Auch ich merkte, wie ich im Begriff war, mich von der Aggression des Rhytmus‘ anstecken zu lassen, aber zum Glück gelang es mir, diesem entgegen zu wirken. Trotz des dämmrigen Lichts nahm ich wahr, dass auch andere Trommler sich mit dem schnellen Rhythmus unwohl fühlten. Und so transformierte ich die in mir entstehenden Gefühle in einen gewissen Ehrgeiz – den Ehrgeiz, einen neuen, stabilen Herz-Rhythmus zu etablieren.
Was ich zunächst auf den Djembés probierte – ein völlig aussichtsloses Unterfangen: Zu unscheinbar war deren Klang.
Als ich mich dann eine Weile später an die Bass-Drums wagte, erinnerte ich mich an die Körperhaltung und Worte von Nils Tannert. Leicht gegrätschter, lockerer Stand – tief durchatmen – und trommeln: Da – dum. Pause. Da – dum. Pause. Da – dum. Pause. Ein schöner, regelmäßiger Rhythmus – der sich allerdings schwer tat, gegen das wilde Rasen der überwiegenden Mehrheit wahrgenommen zu werden.
Ich nahm Blickkontakt auf – eine Person nach der anderen – mit denjenigen, von denen ich vorher wahrgenommen hatten, dass sie sich unwohl fühlten. Was nur teilweise erfolgreich war, aber immerhin einige stiegen in den von mir getrommelten Rhythmus mit ein. Mit anderen wiederum kam kein Blickkontakt zustande, und einer von denen verließ – sich alleine wähnend – frustriert den Raum.
Klar, nun war es eine wahre Kakophonie, ein Durcheinander der Rhythmen, Tempi und Klänge, was in gewisser Hinsicht ziemlich grausam für’s Ohr war. Einige der oben erwähnten Trommler schlossen sich wieder der rasenden Mehrheit an. Aber so schnell wollte ich nicht aufgeben. Kurze Pause. Ordentlich hinstellen. Tief durchatmen – und trommeln: Da – dum. Pause. Blickkontakt aufnehmen. Da – dum. Pause. Da – dum. Pause. Blickkontakt aufnehmen. Tief durchatmen: Da – dum. Pause. Blickkontakt aufnehmen. Da – dum. Pause. Da – dum. Pause. Da – dum. Pause. Blickkontakt aufnehmen. Da – dum. Pause. Da – dum. Pause.
Einer nach dem anderen fällt in diesen regelmäßigen Takt ein – der Herzflimmern-Patient ist tot, aber dafür lebt ein anderer Herzrhythmus. Ein Rhythmus, der beruhigt, Geborgenheit vermittelt.
Gänsehaut. So macht das Trommeln wieder Freude…
Veränderungen brauchen einen guten Standpunkt & Netzwerke – und den richtigen Zeitpunkt
Mein persönliches Fazit ist, was ich durch dieses Erlebnis an diesem Abend spielerisch erfahren und erleben konnte:
1. Auch ein einzelner kann in einer großen Gruppe oder Gesellschaft Dinge verändern, die ihn stören und so ein neues System oder eine neue Art und Weise in die Welt bringen.
2. Dabei ist es wichtig, einen guten sicheren Stand zu haben – in seiner Position, in seinter Kraft & Gesundheit und im Leben. So hat man ein gutes Durchhaltevermögen und wird nicht so leicht aus der Bahn geworfen, wenn das geplante Vorhaben mal nicht gleich klappt.*
3. Genauso wichtig ist es, Kontakt zu Gleichgesinnten oder Verbündeten aufzunehmen. Netzwerke sind wichtig, denn sie geben Halt, man unterstützt sich und vor allem fühlt man sich nicht alleine im Kampf gegen Goliath.

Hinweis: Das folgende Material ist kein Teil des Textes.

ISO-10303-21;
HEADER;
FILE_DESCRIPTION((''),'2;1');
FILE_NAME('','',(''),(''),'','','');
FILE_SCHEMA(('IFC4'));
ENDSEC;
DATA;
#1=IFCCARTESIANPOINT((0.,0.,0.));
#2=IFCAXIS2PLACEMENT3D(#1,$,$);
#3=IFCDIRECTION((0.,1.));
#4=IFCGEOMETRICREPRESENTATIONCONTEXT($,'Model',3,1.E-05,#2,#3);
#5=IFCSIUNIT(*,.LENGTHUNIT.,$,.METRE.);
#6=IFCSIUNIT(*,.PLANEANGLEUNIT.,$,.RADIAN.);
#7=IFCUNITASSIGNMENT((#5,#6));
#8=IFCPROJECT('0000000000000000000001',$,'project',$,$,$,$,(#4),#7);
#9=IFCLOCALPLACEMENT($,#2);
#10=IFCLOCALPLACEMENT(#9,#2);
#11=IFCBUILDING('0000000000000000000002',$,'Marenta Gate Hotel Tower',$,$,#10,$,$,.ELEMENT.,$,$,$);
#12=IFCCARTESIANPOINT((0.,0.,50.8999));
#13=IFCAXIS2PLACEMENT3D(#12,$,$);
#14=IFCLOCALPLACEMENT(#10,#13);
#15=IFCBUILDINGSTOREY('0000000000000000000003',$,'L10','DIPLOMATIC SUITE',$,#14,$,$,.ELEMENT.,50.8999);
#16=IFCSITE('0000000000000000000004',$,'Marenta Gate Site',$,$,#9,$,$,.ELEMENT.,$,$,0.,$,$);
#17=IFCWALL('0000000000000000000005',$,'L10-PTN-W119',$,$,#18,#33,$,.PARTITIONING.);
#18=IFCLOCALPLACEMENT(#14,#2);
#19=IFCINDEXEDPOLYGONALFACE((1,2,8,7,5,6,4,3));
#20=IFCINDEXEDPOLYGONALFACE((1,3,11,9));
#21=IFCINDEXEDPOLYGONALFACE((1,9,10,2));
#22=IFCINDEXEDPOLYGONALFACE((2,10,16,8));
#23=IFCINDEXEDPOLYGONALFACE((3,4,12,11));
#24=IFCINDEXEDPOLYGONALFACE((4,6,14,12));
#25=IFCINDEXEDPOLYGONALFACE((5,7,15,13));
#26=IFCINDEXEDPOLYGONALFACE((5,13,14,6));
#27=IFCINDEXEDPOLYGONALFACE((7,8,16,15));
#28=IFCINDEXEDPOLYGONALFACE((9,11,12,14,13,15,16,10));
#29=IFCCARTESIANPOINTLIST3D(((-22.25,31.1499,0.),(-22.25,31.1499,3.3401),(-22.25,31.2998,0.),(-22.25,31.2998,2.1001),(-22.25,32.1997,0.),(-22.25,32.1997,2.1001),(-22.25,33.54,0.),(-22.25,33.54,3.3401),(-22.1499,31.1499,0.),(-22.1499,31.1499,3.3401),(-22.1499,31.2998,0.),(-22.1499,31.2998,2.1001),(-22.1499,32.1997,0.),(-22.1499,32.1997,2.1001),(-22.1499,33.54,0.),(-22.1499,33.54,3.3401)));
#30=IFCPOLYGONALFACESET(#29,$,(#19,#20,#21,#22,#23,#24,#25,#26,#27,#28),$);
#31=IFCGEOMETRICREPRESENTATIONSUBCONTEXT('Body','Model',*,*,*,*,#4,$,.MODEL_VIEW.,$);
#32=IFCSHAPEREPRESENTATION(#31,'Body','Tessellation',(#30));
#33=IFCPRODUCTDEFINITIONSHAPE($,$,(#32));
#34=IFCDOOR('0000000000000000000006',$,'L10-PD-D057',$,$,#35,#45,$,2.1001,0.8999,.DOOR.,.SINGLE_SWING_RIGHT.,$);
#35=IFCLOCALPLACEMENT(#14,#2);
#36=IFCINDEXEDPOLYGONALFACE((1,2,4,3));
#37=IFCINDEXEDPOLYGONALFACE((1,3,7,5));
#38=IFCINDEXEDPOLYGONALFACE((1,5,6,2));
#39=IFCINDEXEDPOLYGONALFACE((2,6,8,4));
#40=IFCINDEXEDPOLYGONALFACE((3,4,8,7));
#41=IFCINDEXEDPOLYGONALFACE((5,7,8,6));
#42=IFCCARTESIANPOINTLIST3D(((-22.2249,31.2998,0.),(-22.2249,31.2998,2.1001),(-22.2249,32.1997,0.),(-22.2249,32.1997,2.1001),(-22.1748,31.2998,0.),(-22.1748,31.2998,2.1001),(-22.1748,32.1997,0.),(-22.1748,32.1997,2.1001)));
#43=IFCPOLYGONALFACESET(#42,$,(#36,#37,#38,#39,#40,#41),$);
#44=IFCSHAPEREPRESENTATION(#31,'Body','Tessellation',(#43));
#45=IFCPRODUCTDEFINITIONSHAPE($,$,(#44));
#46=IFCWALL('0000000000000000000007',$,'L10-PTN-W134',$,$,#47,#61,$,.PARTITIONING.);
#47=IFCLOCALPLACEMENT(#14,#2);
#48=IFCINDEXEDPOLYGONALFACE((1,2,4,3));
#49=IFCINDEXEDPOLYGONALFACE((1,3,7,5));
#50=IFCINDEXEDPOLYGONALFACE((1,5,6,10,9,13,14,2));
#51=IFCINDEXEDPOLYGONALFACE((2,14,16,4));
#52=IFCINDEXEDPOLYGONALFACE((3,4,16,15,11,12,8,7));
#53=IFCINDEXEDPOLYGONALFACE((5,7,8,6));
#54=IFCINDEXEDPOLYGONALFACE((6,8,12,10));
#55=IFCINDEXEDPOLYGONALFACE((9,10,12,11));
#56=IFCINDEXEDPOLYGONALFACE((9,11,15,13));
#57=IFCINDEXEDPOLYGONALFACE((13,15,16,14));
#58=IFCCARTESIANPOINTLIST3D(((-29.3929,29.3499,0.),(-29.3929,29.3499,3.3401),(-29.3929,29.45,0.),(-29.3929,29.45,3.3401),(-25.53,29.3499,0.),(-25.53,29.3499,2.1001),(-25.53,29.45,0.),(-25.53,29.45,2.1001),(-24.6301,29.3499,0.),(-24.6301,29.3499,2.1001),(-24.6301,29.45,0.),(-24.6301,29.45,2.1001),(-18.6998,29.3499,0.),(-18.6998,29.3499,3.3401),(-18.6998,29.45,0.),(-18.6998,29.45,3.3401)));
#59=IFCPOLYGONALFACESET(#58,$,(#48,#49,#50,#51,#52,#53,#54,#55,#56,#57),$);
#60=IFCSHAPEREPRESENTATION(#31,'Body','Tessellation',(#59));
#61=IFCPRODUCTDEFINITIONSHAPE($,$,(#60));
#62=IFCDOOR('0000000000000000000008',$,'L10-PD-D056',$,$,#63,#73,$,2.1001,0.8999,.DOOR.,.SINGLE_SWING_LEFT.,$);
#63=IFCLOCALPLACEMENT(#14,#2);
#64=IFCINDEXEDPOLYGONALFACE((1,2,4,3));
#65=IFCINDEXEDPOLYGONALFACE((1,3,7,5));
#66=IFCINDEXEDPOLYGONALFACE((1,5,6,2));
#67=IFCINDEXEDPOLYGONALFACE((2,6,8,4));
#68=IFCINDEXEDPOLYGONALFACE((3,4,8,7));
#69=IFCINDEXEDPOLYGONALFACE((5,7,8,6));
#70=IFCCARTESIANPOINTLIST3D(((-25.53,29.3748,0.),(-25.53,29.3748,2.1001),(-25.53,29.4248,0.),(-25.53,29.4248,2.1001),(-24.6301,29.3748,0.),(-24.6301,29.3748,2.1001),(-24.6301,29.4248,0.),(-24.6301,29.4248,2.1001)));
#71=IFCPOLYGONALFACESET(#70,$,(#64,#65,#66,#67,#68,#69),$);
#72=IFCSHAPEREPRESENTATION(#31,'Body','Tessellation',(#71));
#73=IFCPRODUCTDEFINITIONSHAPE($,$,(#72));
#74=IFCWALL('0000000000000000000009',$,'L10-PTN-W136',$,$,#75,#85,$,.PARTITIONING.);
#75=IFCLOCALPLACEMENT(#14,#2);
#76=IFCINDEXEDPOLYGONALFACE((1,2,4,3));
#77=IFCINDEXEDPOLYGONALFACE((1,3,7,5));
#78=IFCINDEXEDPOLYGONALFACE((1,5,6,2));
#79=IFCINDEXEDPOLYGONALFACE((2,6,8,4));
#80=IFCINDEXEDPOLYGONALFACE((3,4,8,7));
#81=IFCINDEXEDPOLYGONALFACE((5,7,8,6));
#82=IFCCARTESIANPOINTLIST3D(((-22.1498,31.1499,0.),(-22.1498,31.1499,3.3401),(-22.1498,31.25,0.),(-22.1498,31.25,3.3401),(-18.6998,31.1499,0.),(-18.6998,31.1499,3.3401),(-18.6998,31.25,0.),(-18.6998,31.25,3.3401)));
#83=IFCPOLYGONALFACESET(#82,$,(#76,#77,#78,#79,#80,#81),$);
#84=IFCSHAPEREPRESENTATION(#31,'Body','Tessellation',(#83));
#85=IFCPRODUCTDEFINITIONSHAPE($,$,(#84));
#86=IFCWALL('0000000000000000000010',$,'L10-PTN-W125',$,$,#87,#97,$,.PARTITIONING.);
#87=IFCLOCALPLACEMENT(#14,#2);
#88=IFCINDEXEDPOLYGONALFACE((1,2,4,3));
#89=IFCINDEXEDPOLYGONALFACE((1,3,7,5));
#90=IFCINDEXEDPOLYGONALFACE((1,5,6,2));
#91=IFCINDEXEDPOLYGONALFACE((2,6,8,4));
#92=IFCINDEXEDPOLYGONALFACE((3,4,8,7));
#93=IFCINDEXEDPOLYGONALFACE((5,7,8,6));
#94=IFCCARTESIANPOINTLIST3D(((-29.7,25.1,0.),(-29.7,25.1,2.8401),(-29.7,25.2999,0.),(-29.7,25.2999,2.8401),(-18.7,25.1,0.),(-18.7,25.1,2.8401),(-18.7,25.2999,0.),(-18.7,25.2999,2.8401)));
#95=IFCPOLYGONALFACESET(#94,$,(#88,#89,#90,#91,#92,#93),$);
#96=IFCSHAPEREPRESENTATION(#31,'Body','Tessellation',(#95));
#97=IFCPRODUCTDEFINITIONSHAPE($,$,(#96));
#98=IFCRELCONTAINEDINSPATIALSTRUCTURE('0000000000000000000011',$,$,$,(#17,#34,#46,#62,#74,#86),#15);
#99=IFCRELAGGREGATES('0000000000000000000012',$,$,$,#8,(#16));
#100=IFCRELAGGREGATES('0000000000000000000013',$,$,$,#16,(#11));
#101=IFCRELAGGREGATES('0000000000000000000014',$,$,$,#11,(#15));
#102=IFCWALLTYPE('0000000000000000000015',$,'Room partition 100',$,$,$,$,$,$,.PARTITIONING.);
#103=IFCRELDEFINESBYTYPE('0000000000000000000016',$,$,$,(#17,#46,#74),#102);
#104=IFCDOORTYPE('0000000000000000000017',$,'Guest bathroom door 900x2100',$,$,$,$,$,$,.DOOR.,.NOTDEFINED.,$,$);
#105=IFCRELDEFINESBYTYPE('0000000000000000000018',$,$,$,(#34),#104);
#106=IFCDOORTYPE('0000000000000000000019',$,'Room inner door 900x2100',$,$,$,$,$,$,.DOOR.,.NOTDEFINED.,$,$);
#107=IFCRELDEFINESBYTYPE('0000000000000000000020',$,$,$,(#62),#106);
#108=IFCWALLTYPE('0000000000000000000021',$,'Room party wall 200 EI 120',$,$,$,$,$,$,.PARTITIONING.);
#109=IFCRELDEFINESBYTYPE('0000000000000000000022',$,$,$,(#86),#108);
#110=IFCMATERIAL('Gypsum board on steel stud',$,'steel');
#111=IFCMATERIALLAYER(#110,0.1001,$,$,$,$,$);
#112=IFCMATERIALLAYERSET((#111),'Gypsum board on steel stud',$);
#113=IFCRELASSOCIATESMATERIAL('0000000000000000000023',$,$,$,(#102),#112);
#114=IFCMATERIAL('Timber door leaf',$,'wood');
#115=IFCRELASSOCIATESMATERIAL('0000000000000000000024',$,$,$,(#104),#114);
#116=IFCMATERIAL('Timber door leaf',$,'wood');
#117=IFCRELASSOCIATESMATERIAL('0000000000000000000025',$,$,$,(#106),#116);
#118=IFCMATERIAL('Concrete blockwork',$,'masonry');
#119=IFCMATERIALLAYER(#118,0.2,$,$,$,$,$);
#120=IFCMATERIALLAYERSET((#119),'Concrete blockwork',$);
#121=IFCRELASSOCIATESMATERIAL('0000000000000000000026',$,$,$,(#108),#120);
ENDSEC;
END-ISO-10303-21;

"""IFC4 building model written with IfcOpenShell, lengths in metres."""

from ifc_helpers import new_model, si_unit, direction, frame, frame_2d, origin, place, context, subcontext, project, spatial, rectangle, extrude, material, layer, layer_set, type_object, element, fill, save


model = new_model("IFC4")

# Units and contexts
model_context = context("Model", 3, precision=1e-05, world=origin(), true_north=direction((0.0, 1.0)))
body_context = subcontext(model_context, "Body", "Model", "MODEL_VIEW")
ifc_project = project(units=[si_unit("LENGTHUNIT", "METRE"), si_unit("PLANEANGLEUNIT", "RADIAN")], contexts=[model_context])

# Site, building, storey
site_placement = place(None, origin())
site = spatial("IfcSite", under=ifc_project, at=site_placement, Name="Marenta Gate Site", CompositionType="ELEMENT", RefElevation=0.0)
building_placement = place(site_placement, origin())
building = spatial("IfcBuilding", under=site, at=building_placement, Name="Marenta Gate Hotel Tower", CompositionType="ELEMENT")
storey_placement = place(building_placement, frame((0.0, 0.0, 50.8999)))
storey = spatial("IfcBuildingStorey", under=building, at=storey_placement, Name="L10", Description="DIPLOMATIC SUITE", CompositionType="ELEMENT", Elevation=50.8999)

# Walls, openings, doors
ifc_material_1 = material(Name="Gypsum board on steel stud", Category="steel")
ifc_layer_1 = layer(ifc_material_1, 0.1001)
ifc_layer_set_1 = layer_set([ifc_layer_1], Name="Gypsum board on steel stud")
wall_type_1 = type_object("IfcWallType", Name="Room partition 100", PredefinedType="PARTITIONING", material=ifc_layer_set_1)
wall_1_placement = place(storey_placement, frame((-22.2, 31.1499, 0.0), z_axis=(0.0, 0.0, 1.0), x_axis=(0.0, 1.0, 0.0)))
wall_1 = element("IfcWall", 1, at=wall_1_placement, inside=storey, type_object=wall_type_1, Name="L10-PTN-W119", PredefinedType="PARTITIONING", context=body_context, shape_type="SweptSolid", body=[
    extrude(rectangle(XDim=2.3901, YDim=0.1001, at=frame_2d((1.1951, 0.0))), origin(), (0.0, 0.0, 1.0), 3.3401),
])
opening_1_placement = place(wall_1_placement, frame((0.1499, 0.0, 0.0)))
opening_1 = element("IfcOpeningElement", 2, at=opening_1_placement, cuts=wall_1, PredefinedType="OPENING", context=body_context, shape_type="SweptSolid", body=[
    extrude(rectangle(XDim=0.8999, YDim=2.1001, at=frame_2d((0.45, 1.05))), frame((0.0, 0.05, 0.0), z_axis=(0.0, -1.0, 0.0), x_axis=(1.0, 0.0, 0.0)), (0.0, 0.0, 1.0), 0.1001),
])
ifc_material_2 = material(Name="Timber door leaf", Category="wood")
door_type_1 = type_object("IfcDoorType", Name="Guest bathroom door 900x2100", OperationType="NOTDEFINED", PredefinedType="DOOR", material=ifc_material_2)
door_1_placement = place(opening_1_placement, origin())
door_1 = element("IfcDoor", 3, at=door_1_placement, inside=storey, type_object=door_type_1, Name="L10-PD-D057", OperationType="SINGLE_SWING_RIGHT", OverallHeight=2.1001, OverallWidth=0.8999, PredefinedType="DOOR", context=body_context, shape_type="SweptSolid", body=[
    extrude(rectangle(XDim=0.8999, YDim=2.1001, at=frame_2d((0.45, 1.05))), frame((0.0, 0.0249, 0.0), z_axis=(0.0, -1.0, 0.0), x_axis=(1.0, 0.0, 0.0)), (0.0, 0.0, 1.0), 0.05),
])
fill(opening_1, door_1)
wall_2_placement = place(storey_placement, frame((-29.3931, 29.3999, 0.0), z_axis=(0.0, 0.0, 1.0), x_axis=(1.0, 0.0, 0.0)))
wall_2 = element("IfcWall", 4, at=wall_2_placement, inside=storey, type_object=wall_type_1, Name="L10-PTN-W134", PredefinedType="PARTITIONING", context=body_context, shape_type="SweptSolid", body=[
    extrude(rectangle(XDim=10.6931, YDim=0.1001, at=frame_2d((5.3467, 0.0))), origin(), (0.0, 0.0, 1.0), 3.3401),
])
opening_2_placement = place(wall_2_placement, frame((3.863, 0.0, 0.0)))
opening_2 = element("IfcOpeningElement", 5, at=opening_2_placement, cuts=wall_2, PredefinedType="OPENING", context=body_context, shape_type="SweptSolid", body=[
    extrude(rectangle(XDim=0.8999, YDim=2.1001, at=frame_2d((0.45, 1.05))), frame((0.0, 0.05, 0.0), z_axis=(0.0, -1.0, 0.0), x_axis=(1.0, 0.0, 0.0)), (0.0, 0.0, 1.0), 0.1001),
])
ifc_material_3 = material(Name="Timber door leaf", Category="wood")
door_type_2 = type_object("IfcDoorType", Name="Room inner door 900x2100", OperationType="NOTDEFINED", PredefinedType="DOOR", material=ifc_material_3)
door_2_placement = place(opening_2_placement, origin())
door_2 = element("IfcDoor", 6, at=door_2_placement, inside=storey, type_object=door_type_2, Name="L10-PD-D056", OperationType="SINGLE_SWING_LEFT", OverallHeight=2.1001, OverallWidth=0.8999, PredefinedType="DOOR", context=body_context, shape_type="SweptSolid", body=[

4. Aussteigen ist keine Lösung und bewirkt selten eine Veränderung. Wer mit einer Situation oder einer Gesellschaft unzufrieden ist, sollte – bevor er frustiert oder verbittert das Handtuch wirft und (überspitzt formuliert) auf eine ostasiatische Insel auswandert oder sich jahrelang in ein Kloster zurückzieht – 3. beherzigen.

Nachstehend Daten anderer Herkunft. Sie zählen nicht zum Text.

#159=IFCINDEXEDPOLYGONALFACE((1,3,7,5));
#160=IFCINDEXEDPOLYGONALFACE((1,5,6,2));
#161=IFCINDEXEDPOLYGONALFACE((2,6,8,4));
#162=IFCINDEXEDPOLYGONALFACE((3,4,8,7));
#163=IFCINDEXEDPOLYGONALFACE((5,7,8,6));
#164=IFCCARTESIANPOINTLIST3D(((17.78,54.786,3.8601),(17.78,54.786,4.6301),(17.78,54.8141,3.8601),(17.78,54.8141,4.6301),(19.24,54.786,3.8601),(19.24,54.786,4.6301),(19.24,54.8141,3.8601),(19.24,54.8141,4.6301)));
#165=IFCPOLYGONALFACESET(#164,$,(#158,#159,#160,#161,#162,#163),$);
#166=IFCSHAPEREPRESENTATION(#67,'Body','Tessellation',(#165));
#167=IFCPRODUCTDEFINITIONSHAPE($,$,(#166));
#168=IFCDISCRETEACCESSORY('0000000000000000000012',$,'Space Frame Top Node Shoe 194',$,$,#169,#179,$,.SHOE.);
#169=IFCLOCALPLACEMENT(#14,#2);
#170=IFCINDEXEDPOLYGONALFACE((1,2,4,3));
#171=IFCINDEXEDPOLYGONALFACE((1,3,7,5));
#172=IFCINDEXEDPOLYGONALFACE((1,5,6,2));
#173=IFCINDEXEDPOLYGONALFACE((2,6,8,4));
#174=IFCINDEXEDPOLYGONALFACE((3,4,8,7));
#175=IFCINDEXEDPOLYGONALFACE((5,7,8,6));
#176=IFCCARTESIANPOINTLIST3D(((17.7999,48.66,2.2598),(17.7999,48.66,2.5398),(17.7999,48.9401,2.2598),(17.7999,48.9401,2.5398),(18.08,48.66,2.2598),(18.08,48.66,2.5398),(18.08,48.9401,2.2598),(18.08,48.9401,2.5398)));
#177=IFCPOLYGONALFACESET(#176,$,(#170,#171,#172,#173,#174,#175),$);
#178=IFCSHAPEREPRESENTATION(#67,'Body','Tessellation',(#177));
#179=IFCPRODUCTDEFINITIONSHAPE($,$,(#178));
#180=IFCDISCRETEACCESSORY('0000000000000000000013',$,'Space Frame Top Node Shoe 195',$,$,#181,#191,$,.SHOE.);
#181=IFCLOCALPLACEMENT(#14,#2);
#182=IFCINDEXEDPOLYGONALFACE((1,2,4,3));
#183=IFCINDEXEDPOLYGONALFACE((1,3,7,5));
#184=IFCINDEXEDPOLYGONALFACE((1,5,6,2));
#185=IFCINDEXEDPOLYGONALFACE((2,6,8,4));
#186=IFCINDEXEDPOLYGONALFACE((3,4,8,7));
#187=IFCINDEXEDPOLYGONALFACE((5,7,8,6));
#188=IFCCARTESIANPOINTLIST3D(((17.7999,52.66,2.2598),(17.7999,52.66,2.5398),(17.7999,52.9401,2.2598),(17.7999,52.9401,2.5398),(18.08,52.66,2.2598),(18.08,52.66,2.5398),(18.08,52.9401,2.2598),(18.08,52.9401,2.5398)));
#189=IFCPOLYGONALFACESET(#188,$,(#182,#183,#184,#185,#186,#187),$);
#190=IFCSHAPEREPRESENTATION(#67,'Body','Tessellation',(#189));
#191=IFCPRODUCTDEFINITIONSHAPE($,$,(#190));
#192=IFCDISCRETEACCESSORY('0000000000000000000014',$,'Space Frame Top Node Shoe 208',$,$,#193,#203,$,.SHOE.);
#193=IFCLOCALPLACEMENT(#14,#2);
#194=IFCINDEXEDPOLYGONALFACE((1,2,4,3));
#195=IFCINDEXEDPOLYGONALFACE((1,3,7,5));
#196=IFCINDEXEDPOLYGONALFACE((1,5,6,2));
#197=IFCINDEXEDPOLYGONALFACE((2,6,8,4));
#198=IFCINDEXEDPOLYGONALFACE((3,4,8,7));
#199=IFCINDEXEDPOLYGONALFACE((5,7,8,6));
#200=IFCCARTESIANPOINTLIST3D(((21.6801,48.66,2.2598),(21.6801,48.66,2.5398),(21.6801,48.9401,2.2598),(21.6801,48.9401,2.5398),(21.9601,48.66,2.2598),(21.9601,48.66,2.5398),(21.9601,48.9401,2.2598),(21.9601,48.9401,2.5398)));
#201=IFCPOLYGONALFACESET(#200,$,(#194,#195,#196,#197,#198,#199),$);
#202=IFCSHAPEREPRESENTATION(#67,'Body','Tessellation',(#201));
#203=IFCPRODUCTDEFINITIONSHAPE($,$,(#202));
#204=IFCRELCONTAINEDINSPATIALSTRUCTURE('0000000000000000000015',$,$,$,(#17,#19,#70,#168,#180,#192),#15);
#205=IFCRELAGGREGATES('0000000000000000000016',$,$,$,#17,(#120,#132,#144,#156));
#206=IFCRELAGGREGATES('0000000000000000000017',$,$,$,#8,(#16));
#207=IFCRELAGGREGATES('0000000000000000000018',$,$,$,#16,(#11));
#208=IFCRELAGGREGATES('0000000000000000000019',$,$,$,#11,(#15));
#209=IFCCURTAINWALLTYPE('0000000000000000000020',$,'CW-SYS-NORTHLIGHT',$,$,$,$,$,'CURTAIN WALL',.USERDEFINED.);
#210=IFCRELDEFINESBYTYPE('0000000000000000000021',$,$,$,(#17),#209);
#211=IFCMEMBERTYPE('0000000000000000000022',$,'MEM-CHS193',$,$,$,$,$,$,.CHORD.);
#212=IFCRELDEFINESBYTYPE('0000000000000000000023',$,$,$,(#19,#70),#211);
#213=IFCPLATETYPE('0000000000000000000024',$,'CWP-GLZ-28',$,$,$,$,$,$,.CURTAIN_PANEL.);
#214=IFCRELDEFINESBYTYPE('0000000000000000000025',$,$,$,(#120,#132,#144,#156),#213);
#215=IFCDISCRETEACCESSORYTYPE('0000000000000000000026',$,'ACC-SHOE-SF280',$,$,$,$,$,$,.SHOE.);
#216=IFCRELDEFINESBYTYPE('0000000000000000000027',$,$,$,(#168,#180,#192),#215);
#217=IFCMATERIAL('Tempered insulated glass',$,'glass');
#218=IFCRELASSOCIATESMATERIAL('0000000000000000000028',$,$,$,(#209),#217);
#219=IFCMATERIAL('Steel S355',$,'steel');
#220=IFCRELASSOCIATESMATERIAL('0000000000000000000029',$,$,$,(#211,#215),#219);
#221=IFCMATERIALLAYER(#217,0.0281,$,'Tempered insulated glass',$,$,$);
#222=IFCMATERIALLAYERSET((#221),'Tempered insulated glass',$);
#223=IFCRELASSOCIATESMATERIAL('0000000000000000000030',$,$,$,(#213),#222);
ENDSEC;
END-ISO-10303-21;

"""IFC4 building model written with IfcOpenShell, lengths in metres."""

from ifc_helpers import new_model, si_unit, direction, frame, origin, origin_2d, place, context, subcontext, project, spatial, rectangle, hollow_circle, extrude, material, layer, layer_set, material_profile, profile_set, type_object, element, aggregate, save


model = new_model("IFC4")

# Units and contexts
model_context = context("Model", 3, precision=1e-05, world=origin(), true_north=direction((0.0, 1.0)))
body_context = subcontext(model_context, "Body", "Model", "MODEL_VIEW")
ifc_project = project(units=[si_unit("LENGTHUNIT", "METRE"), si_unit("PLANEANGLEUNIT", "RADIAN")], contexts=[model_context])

5. Last but not least, braucht es aber auch eine Umfeld, was reif für die Veränderung ist. Was sich kaum treffender ausdrücken läßt als mit einem Ausspruch von Victor Hugo in einer etwas freien deutschen Übersetzung: „Nichts ist mächtiger als eine Idee, deren Zeit gekommen ist.“
* Der Fairheit halbe muss ich dazu sagen, dass das gleiche Anliegen ein zweites Mal nicht funktioniert hat.